The results demonstrate that the proposed CPCM-coupled air-cooled CBTMS effectively manages the thermal behavior of energy storage lithium batteries. The optimization of air inlet/outlet configurations and structural parameters significantly improves temperature uniformity and reduces energy consumption. The integration of aluminum metal inner shells further strengthens the system’s performance, ensuring safe and efficient operation under various conditions. This study provides valuable insights for the design and application of thermal management systems in energy storage lithium battery packs, contributing to the advancement of renewable energy storage technologies.

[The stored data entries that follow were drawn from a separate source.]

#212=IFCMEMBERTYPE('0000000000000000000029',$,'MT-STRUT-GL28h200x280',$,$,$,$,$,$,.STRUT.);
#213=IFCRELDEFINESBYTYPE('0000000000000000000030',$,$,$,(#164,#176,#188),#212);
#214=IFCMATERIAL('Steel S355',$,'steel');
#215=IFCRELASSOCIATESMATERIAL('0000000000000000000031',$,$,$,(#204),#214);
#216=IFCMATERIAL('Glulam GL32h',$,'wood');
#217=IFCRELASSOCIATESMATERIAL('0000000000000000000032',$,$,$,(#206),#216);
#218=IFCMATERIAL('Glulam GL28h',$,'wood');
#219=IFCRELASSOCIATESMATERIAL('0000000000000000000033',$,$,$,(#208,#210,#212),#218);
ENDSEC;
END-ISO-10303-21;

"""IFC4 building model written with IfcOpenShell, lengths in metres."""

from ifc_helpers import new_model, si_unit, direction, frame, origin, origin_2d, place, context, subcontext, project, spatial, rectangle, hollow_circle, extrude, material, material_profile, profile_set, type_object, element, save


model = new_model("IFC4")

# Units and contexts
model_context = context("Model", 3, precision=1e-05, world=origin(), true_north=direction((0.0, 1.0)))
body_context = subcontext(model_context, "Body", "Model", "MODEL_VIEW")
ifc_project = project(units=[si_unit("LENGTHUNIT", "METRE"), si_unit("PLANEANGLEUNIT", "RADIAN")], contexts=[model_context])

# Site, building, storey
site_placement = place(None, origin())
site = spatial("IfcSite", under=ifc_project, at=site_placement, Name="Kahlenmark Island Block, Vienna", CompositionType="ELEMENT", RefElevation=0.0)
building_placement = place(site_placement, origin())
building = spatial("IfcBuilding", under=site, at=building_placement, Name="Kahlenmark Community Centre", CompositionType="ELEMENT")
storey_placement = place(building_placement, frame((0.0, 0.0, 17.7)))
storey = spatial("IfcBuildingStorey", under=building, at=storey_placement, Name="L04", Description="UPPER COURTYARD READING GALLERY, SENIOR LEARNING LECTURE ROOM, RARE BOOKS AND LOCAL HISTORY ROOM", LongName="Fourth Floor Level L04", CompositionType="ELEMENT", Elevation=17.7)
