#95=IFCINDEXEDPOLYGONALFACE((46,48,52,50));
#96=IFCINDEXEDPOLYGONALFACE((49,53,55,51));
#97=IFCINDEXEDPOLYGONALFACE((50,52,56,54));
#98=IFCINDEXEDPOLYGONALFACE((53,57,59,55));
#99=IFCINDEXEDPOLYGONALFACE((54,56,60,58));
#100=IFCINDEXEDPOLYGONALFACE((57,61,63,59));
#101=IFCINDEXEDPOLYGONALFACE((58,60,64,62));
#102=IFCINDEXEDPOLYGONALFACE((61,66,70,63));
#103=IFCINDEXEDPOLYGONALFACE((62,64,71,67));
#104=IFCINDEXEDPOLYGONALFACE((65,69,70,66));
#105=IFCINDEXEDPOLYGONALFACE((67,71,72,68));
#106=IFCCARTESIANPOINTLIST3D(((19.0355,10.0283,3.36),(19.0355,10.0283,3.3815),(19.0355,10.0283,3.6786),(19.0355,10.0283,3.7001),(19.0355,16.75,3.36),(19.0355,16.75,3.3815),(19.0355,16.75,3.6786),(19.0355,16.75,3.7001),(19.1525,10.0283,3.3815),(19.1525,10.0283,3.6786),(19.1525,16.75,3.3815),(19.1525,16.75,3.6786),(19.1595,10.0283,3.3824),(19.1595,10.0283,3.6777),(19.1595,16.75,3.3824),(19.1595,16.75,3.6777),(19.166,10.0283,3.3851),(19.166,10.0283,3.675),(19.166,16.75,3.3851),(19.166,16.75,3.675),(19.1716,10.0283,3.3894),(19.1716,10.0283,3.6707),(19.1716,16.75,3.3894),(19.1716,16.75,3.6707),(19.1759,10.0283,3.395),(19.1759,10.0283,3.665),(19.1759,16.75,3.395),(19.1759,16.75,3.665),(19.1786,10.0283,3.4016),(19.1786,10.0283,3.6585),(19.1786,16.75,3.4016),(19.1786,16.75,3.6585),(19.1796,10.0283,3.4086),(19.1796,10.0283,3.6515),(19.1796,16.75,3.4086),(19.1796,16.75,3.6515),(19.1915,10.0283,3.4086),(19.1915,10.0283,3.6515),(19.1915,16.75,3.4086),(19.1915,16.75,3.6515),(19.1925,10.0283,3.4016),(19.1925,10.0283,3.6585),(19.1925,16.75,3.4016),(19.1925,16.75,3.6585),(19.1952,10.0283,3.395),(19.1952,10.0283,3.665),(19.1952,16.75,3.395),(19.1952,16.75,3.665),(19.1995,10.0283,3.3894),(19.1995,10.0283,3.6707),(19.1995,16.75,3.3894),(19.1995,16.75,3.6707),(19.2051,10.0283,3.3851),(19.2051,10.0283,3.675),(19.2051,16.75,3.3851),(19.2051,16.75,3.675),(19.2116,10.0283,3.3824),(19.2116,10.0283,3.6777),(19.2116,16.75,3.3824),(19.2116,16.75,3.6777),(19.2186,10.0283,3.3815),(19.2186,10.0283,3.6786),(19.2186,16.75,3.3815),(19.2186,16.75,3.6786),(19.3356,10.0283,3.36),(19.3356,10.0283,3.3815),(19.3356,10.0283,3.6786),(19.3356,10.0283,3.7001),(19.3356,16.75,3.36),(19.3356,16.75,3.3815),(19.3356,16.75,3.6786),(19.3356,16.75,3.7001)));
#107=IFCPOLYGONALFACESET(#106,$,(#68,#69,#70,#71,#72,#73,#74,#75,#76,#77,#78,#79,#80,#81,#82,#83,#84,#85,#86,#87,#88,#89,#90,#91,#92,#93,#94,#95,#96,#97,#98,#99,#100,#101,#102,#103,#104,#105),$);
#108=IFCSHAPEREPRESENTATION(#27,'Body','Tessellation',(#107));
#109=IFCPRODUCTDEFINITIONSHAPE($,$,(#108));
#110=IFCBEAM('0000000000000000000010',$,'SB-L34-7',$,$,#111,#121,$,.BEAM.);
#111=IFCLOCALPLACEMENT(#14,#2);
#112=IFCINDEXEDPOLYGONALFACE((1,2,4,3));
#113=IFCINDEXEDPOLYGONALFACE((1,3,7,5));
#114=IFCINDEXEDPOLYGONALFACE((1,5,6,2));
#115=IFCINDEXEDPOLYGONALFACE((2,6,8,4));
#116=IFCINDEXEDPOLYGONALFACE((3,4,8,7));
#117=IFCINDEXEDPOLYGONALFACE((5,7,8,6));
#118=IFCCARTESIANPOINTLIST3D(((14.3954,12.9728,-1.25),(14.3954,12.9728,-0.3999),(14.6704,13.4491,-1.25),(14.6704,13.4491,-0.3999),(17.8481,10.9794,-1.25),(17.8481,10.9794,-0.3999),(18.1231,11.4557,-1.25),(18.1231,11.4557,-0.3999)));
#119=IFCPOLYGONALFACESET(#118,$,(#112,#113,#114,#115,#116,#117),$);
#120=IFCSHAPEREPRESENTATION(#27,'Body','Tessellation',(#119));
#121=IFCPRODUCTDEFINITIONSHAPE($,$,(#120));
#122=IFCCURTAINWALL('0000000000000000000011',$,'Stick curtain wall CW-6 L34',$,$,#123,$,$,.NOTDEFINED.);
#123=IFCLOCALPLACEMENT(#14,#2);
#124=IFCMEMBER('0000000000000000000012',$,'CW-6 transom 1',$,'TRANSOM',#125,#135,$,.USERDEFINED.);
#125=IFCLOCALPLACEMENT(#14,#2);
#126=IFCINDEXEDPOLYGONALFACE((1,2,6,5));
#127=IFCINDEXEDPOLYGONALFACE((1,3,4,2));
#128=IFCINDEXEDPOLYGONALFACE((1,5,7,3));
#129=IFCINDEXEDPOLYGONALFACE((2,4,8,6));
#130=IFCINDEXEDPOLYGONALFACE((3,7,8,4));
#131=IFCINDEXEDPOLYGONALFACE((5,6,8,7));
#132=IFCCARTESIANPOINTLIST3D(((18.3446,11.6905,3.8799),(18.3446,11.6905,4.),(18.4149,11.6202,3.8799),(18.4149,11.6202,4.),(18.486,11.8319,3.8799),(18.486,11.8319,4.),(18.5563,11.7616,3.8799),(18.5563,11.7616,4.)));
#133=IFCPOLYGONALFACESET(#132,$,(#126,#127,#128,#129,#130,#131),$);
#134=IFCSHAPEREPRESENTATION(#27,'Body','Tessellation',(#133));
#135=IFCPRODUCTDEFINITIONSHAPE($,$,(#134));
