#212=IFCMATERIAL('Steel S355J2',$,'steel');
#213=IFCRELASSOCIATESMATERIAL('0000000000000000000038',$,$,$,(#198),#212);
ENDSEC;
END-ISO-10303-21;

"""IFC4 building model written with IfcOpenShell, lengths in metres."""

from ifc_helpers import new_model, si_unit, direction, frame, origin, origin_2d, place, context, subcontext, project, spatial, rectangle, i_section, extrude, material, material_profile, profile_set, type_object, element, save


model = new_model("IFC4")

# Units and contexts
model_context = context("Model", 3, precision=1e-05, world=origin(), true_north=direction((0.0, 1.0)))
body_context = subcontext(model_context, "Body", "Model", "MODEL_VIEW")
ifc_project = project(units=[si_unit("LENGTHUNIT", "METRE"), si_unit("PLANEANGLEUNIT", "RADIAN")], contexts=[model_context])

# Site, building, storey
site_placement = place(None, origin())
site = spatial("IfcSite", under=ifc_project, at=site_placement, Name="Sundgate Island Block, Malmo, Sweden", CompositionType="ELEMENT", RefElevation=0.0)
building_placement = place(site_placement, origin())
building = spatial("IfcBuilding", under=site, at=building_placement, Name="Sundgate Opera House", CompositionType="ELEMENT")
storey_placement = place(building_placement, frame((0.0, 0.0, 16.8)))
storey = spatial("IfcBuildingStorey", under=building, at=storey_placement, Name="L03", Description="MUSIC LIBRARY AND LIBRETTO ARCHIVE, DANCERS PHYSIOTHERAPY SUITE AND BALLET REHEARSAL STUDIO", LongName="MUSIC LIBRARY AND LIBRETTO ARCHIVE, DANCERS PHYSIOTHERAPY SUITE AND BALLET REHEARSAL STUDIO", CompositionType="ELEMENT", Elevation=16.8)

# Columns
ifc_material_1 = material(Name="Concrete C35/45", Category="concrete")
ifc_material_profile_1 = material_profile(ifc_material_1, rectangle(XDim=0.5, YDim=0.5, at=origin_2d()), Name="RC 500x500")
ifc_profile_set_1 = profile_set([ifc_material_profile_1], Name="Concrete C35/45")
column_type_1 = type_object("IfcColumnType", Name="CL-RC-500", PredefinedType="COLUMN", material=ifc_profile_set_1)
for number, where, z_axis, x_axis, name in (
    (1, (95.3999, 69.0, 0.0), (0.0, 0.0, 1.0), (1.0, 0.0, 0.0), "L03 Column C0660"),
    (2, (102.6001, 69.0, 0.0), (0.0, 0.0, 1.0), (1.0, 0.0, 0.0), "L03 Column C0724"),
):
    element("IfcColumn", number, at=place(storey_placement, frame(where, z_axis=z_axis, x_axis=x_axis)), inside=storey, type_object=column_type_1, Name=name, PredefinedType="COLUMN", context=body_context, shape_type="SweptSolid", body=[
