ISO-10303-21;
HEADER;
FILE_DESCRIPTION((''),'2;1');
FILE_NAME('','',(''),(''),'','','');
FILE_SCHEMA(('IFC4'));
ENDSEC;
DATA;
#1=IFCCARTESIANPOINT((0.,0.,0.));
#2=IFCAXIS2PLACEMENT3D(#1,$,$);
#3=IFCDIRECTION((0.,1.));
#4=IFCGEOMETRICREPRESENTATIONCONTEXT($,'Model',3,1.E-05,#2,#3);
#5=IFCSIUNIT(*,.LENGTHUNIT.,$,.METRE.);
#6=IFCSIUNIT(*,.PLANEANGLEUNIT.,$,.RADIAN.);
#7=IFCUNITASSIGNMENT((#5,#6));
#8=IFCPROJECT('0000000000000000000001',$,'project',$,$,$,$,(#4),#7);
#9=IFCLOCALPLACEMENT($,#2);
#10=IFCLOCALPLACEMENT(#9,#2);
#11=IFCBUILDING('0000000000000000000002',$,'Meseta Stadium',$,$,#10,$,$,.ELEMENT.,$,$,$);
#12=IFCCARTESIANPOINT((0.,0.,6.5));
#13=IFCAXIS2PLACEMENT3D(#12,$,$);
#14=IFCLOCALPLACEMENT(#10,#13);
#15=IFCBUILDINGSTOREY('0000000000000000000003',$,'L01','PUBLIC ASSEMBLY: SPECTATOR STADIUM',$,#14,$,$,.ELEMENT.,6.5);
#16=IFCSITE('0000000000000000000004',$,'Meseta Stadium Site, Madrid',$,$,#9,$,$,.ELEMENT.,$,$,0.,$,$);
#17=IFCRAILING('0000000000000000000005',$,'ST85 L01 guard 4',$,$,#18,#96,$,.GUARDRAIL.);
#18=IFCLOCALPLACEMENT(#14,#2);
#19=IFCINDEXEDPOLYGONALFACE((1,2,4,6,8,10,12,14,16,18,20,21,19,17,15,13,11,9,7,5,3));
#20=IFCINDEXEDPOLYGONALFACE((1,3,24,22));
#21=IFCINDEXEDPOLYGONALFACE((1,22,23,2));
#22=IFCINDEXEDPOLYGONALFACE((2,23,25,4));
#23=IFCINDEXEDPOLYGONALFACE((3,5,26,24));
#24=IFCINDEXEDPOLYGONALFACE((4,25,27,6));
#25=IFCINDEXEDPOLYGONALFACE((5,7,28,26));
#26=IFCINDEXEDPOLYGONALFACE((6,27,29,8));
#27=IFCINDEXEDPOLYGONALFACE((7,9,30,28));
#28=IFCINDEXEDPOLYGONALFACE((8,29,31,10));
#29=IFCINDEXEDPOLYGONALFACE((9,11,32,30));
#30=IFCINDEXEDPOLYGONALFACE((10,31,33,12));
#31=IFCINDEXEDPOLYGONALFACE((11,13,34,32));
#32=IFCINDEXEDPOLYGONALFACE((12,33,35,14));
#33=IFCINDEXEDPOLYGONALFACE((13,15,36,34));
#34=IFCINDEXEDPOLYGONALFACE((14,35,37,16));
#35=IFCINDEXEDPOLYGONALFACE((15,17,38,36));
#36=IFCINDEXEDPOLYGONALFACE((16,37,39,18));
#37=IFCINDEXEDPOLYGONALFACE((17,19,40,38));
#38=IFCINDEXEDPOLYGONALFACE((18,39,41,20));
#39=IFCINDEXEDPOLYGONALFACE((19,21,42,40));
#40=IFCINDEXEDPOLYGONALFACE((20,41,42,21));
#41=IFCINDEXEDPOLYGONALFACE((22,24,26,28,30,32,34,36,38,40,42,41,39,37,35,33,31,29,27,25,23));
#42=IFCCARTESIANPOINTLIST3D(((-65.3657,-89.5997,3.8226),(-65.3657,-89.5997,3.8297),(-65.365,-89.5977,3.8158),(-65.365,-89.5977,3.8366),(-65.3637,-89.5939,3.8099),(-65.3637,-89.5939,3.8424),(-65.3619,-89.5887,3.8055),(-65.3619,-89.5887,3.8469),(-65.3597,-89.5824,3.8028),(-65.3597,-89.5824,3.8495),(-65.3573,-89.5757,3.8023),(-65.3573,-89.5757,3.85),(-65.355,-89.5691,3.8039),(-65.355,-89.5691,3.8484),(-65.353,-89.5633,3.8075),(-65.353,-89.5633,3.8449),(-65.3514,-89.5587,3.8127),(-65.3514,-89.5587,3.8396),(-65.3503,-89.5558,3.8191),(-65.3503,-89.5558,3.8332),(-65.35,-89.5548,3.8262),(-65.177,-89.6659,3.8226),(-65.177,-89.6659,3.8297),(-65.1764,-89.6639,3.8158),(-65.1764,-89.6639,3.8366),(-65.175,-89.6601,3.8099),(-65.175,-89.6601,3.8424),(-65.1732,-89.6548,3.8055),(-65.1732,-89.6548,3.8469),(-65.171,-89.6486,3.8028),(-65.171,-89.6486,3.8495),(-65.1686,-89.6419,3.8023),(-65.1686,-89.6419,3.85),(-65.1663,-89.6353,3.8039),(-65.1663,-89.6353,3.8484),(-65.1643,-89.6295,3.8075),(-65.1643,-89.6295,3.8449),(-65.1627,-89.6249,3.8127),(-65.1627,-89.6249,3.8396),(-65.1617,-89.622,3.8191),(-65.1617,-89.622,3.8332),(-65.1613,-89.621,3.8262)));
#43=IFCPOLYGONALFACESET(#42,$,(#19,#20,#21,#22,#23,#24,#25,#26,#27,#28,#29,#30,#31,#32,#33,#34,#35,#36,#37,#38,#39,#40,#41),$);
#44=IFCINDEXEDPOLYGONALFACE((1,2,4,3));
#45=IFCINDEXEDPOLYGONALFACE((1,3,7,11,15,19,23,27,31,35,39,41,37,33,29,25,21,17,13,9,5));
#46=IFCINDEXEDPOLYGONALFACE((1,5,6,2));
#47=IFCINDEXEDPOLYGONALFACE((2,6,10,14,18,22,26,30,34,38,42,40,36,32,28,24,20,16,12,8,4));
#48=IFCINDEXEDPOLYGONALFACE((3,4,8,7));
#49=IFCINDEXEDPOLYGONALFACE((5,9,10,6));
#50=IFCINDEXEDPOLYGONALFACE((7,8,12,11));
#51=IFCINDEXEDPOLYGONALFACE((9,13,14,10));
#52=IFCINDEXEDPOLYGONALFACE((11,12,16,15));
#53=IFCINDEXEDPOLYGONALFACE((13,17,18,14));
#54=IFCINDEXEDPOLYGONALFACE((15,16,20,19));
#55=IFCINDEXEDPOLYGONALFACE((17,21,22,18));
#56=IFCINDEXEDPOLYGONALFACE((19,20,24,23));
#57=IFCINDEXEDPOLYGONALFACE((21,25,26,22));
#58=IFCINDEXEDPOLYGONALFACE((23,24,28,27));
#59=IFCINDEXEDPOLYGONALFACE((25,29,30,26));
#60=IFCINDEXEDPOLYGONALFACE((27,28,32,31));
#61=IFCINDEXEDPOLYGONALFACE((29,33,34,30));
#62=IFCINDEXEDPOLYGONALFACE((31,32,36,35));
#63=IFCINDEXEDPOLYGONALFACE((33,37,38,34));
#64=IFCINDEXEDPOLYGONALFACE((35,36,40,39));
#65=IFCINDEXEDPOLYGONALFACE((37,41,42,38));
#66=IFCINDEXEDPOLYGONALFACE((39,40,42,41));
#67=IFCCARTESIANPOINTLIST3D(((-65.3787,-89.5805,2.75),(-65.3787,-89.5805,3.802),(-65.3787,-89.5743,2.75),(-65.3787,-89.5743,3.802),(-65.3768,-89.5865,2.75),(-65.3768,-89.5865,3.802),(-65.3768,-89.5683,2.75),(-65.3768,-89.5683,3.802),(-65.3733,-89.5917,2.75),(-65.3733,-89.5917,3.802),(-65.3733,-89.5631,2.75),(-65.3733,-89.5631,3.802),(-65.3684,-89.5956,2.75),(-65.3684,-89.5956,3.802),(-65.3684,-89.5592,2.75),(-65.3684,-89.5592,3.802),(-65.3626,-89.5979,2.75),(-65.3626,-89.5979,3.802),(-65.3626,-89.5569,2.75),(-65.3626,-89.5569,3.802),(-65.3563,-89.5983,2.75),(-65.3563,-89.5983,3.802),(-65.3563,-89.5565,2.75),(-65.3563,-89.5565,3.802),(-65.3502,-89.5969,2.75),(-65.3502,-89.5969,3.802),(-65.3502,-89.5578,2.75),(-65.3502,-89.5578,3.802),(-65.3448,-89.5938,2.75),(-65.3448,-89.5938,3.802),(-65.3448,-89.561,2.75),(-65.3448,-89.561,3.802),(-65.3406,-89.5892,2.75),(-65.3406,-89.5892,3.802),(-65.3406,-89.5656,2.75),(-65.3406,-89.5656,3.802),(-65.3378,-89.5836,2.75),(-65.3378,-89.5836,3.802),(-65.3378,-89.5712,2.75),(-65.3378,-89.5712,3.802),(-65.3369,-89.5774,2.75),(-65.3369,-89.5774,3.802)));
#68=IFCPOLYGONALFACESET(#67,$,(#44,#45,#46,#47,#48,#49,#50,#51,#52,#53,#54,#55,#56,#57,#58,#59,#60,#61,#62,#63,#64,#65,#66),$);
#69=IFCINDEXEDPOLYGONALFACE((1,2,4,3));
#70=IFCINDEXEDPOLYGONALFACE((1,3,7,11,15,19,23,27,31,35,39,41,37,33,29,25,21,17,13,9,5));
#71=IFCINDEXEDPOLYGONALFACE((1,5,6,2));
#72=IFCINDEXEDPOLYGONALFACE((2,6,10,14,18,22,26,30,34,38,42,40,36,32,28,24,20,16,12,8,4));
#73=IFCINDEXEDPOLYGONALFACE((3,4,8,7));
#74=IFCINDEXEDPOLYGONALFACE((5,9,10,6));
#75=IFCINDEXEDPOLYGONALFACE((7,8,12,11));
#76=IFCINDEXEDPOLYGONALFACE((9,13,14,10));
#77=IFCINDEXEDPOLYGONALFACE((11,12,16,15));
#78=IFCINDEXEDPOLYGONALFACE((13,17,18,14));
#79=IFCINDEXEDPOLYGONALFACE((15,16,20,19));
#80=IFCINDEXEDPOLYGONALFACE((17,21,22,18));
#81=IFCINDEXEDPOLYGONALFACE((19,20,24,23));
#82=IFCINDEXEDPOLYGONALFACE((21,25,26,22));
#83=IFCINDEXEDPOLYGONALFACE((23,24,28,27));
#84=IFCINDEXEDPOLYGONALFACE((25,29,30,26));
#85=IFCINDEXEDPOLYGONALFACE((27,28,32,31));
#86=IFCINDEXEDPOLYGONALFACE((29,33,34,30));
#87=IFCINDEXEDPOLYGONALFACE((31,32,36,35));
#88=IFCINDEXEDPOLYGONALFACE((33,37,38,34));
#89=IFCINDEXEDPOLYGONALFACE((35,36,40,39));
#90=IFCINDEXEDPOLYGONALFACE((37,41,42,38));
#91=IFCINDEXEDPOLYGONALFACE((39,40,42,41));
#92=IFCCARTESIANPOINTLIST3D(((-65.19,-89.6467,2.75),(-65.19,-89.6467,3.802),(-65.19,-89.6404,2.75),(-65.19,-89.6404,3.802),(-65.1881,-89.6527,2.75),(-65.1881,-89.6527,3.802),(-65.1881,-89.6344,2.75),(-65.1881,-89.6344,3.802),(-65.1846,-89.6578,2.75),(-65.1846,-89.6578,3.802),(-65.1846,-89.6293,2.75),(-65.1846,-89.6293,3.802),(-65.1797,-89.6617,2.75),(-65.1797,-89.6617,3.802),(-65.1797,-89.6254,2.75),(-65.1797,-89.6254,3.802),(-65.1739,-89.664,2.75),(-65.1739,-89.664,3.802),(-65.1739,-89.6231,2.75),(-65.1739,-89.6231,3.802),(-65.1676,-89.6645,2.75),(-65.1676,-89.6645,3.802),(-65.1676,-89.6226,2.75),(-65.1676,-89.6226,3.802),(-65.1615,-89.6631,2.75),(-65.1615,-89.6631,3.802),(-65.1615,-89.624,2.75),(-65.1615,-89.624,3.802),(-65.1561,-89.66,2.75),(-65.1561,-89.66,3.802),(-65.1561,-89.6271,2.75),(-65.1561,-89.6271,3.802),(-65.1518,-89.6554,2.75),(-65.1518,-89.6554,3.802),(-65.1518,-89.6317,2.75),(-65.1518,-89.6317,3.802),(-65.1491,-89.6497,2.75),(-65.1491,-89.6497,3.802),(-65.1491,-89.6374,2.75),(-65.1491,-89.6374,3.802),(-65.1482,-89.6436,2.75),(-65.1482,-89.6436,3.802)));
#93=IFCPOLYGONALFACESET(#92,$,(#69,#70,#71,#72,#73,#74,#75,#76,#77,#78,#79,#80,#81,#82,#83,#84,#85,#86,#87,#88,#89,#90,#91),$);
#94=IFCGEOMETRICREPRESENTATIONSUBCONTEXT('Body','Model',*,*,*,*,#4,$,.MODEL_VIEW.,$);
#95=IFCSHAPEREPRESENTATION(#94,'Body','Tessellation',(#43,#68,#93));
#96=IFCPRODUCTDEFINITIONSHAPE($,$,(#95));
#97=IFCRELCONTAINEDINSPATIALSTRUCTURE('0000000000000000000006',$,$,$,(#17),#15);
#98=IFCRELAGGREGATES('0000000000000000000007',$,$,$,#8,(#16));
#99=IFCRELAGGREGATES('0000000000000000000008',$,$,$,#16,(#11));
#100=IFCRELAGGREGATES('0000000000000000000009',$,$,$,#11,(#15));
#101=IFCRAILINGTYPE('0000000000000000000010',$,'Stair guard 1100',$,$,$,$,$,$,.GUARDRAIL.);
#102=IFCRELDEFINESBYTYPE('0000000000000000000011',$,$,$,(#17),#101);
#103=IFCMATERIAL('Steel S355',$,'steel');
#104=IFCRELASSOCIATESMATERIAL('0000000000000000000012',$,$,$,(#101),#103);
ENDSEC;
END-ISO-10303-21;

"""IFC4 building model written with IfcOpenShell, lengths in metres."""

from ifc_helpers import new_model, si_unit, direction, frame, origin, origin_2d, place, context, subcontext, project, spatial, circle, extrude, material, type_object, element, save


model = new_model("IFC4")

# Units and contexts
model_context = context("Model", 3, precision=1e-05, world=origin(), true_north=direction((0.0, 1.0)))
body_context = subcontext(model_context, "Body", "Model", "MODEL_VIEW")
ifc_project = project(units=[si_unit("LENGTHUNIT", "METRE"), si_unit("PLANEANGLEUNIT", "RADIAN")], contexts=[model_context])

# Site, building, storey
site_placement = place(None, origin())
site = spatial("IfcSite", under=ifc_project, at=site_placement, Name="Meseta Stadium Site, Madrid", CompositionType="ELEMENT", RefElevation=0.0)
building_placement = place(site_placement, origin())
building = spatial("IfcBuilding", under=site, at=building_placement, Name="Meseta Stadium", CompositionType="ELEMENT")
storey_placement = place(building_placement, frame((0.0, 0.0, 6.5)))
storey = spatial("IfcBuildingStorey", under=building, at=storey_placement, Name="L01", Description="PUBLIC ASSEMBLY: SPECTATOR STADIUM", CompositionType="ELEMENT", Elevation=6.5)

# Railing
ifc_material_1 = material(Name="Steel S355", Category="steel")
railing_type_1 = type_object("IfcRailingType", Name="Stair guard 1100", PredefinedType="GUARDRAIL", material=ifc_material_1)
railing_1_placement = place(storey_placement, frame((-65.3579, -89.5774, 2.75)))
element("IfcRailing", 1, at=railing_1_placement, inside=storey, type_object=railing_type_1, Name="ST85 L01 guard 4", PredefinedType="GUARDRAIL", context=body_context, shape_type="SweptSolid", body=[
    extrude(circle(Radius=0.0239, at=origin_2d()), frame((0.0, 0.0, 1.0762), z_axis=(0.943687, -0.33084, 0.0), x_axis=(0.33084, 0.943687, 0.0)), (0.0, 0.0, 1.0), 0.2),
    extrude(circle(Radius=0.021, at=origin_2d()), origin(), (0.0, 0.0, 1.0), 1.052),
    extrude(circle(Radius=0.021, at=origin_2d()), frame((0.1887, -0.0662, 0.0)), (0.0, 0.0, 1.0), 1.052),
])

save(model, "model.ifc")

In conclusion, the H-type composite thermal management system, combining CPCM and air cooling, offers a robust solution for controlling the temperature of energy storage lithium batteries. The orthogonal optimization and structural enhancements lead to significant improvements in thermal performance, making it suitable for large-scale energy storage applications. Future work could focus on real-world validation and scalability for industrial implementation.